Whose words divine come not from Phoebus’ lips, that prophet false, by foolish men called god, but from great God, whom no man’s hands have made, like speechless idols framed from polished stone. [Sibylline Oracles 4.4]

She, however, calls the temples ruins. That of Ephesian Artemis she predicts will be swallowed up by “yawning gulfs and earthquakes,” thus:

Prostrate shall Ephesus groan, when, deep in tears, she seeks along her banks a vanished shrine. [Sibylline Oracles 5.295]

That of Isis and Sarapis in Egypt she says will be overthrown and burnt up:

Thrice wretched Isis, by Nile’s streams thou stayst lone, dumb with frenzy on dark Acheron’s sands. [Sibylline Oracles 5.483]

Then lower down:

And thou, Sarapis, piled with useless stones, in wretches Egypt liest, a ruin great. [Sibylline Oracles 5.486]

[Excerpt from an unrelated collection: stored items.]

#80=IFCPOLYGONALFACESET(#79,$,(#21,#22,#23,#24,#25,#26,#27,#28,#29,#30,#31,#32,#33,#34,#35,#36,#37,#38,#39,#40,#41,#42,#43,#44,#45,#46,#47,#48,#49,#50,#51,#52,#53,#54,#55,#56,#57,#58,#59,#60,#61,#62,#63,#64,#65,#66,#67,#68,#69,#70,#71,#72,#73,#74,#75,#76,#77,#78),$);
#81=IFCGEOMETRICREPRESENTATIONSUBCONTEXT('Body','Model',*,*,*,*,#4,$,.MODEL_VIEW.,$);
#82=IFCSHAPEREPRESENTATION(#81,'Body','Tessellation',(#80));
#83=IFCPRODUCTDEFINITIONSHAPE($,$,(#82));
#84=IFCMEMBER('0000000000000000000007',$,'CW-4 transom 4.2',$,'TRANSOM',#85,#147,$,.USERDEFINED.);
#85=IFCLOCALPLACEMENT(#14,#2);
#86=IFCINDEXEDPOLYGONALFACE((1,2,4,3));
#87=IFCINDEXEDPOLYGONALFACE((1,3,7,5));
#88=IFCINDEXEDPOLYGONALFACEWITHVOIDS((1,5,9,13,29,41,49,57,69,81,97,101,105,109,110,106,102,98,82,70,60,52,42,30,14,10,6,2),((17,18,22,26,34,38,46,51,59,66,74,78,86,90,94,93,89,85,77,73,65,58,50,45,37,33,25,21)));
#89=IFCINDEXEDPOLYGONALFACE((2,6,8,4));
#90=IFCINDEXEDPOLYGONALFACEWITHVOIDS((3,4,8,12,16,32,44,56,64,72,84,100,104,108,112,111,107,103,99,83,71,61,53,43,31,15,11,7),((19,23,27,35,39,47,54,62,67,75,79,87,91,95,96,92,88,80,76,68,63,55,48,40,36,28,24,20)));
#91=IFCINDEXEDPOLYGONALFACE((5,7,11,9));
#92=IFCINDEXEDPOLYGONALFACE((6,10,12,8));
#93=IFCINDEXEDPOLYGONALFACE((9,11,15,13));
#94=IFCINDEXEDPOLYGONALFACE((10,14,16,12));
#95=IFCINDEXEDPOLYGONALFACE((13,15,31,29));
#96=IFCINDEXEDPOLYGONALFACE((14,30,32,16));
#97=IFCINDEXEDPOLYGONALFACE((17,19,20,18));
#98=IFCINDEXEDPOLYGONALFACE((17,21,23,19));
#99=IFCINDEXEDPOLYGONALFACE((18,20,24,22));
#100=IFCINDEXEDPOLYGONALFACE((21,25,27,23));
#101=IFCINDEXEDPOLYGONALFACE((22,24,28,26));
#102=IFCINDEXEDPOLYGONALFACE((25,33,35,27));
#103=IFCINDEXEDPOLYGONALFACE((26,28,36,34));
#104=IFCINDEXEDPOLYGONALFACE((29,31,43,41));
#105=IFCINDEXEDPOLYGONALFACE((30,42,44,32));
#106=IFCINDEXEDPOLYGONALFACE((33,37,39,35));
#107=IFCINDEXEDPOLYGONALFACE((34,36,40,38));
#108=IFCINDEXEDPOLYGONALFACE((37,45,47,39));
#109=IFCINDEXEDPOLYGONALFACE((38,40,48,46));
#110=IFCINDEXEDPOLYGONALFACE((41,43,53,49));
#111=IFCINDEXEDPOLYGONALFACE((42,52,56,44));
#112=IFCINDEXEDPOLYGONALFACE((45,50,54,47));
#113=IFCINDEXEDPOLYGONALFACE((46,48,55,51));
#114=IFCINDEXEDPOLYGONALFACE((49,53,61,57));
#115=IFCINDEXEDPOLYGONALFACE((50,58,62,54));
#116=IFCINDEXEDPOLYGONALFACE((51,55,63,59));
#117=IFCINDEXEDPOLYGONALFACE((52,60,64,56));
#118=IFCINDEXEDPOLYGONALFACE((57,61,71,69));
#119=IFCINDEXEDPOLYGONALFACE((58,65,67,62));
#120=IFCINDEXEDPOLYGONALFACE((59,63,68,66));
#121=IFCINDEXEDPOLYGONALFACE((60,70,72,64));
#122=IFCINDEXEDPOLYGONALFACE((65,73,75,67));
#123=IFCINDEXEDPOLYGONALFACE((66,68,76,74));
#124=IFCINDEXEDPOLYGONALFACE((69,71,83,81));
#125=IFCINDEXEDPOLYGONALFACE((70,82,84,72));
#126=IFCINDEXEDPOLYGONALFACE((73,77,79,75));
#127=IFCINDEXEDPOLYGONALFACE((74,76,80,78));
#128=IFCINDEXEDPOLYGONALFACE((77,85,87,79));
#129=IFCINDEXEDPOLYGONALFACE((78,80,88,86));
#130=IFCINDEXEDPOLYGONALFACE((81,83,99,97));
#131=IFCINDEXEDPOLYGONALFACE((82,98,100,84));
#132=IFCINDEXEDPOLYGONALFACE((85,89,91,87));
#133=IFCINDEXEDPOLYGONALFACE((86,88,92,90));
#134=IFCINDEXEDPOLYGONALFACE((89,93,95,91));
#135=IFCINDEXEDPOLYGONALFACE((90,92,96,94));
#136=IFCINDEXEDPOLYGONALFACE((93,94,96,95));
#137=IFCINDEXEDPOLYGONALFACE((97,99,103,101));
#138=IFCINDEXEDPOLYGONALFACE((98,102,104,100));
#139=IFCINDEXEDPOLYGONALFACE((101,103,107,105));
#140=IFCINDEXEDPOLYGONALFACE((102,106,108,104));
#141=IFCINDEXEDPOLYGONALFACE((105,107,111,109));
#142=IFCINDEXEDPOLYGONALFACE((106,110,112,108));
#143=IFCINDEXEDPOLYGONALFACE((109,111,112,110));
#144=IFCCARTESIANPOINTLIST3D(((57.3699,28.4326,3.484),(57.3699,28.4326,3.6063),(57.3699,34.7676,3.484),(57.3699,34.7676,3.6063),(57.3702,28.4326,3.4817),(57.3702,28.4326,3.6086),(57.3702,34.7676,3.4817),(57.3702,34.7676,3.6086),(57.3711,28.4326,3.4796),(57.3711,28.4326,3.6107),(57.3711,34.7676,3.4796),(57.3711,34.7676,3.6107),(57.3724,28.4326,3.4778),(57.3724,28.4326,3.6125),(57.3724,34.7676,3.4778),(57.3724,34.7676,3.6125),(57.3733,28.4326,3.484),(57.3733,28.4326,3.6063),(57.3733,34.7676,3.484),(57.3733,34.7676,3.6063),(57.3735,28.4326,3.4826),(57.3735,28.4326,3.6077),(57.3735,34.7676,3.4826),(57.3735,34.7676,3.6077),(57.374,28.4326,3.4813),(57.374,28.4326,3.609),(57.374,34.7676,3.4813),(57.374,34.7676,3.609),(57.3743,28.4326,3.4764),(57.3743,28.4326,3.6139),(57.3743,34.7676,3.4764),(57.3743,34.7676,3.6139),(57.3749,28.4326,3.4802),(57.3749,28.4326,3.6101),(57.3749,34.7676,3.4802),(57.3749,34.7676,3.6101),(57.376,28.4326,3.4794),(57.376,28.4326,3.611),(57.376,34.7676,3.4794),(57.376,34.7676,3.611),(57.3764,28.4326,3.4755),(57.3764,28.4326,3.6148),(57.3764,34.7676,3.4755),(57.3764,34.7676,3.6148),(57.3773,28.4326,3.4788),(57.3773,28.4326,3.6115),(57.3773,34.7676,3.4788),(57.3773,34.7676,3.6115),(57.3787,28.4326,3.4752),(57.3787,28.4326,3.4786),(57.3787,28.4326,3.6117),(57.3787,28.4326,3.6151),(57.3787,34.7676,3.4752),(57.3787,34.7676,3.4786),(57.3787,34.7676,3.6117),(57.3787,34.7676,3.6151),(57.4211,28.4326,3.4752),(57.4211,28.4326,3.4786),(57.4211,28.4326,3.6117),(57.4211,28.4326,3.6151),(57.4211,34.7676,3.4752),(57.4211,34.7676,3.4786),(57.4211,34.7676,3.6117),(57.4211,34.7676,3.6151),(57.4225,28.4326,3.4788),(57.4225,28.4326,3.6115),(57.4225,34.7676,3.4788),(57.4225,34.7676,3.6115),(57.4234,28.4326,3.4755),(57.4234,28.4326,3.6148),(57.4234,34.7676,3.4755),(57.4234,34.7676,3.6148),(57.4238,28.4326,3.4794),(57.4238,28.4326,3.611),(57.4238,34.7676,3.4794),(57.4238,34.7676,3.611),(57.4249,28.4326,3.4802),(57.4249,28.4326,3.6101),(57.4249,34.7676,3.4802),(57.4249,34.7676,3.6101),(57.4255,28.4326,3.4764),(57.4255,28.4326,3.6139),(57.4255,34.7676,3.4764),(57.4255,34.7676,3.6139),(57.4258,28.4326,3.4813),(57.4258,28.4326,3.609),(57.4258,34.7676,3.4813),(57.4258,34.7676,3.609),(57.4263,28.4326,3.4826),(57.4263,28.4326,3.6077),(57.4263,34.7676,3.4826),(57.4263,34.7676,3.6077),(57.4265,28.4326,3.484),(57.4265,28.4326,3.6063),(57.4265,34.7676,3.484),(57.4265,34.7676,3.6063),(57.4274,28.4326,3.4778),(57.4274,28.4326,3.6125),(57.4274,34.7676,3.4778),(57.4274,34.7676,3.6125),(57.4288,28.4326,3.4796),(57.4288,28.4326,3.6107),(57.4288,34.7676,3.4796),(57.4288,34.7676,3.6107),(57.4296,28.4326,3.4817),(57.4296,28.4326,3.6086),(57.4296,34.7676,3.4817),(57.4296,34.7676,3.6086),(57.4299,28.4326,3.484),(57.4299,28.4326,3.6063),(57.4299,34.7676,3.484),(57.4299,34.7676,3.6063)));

If, however, you refuse to listen to the prophetess, hear at least your own philosopher, Heracleitus of Ephesus, when he taunts the statues for their want of feeling: “and they pray to these statues just as if one were to chatter to his house.” Are they not amazing, these men who make supplication to stones, and yet set them up before their gates as if alive and active, worshipping the image of Hermes as a god, and setting up the “god of the Ways” (Agyieus) as door-keeper? For if they treat them with contumely as being without feeling, why do they worship them as gods? But if they believe them to partake of feeling, why do they set them up as door-keepers? The Romans, although they ascribe their greatest successes to Fortuna, and believe her to the greatest deity, carry her statue to the privy and erect it there, thus assigning to her a fit temple.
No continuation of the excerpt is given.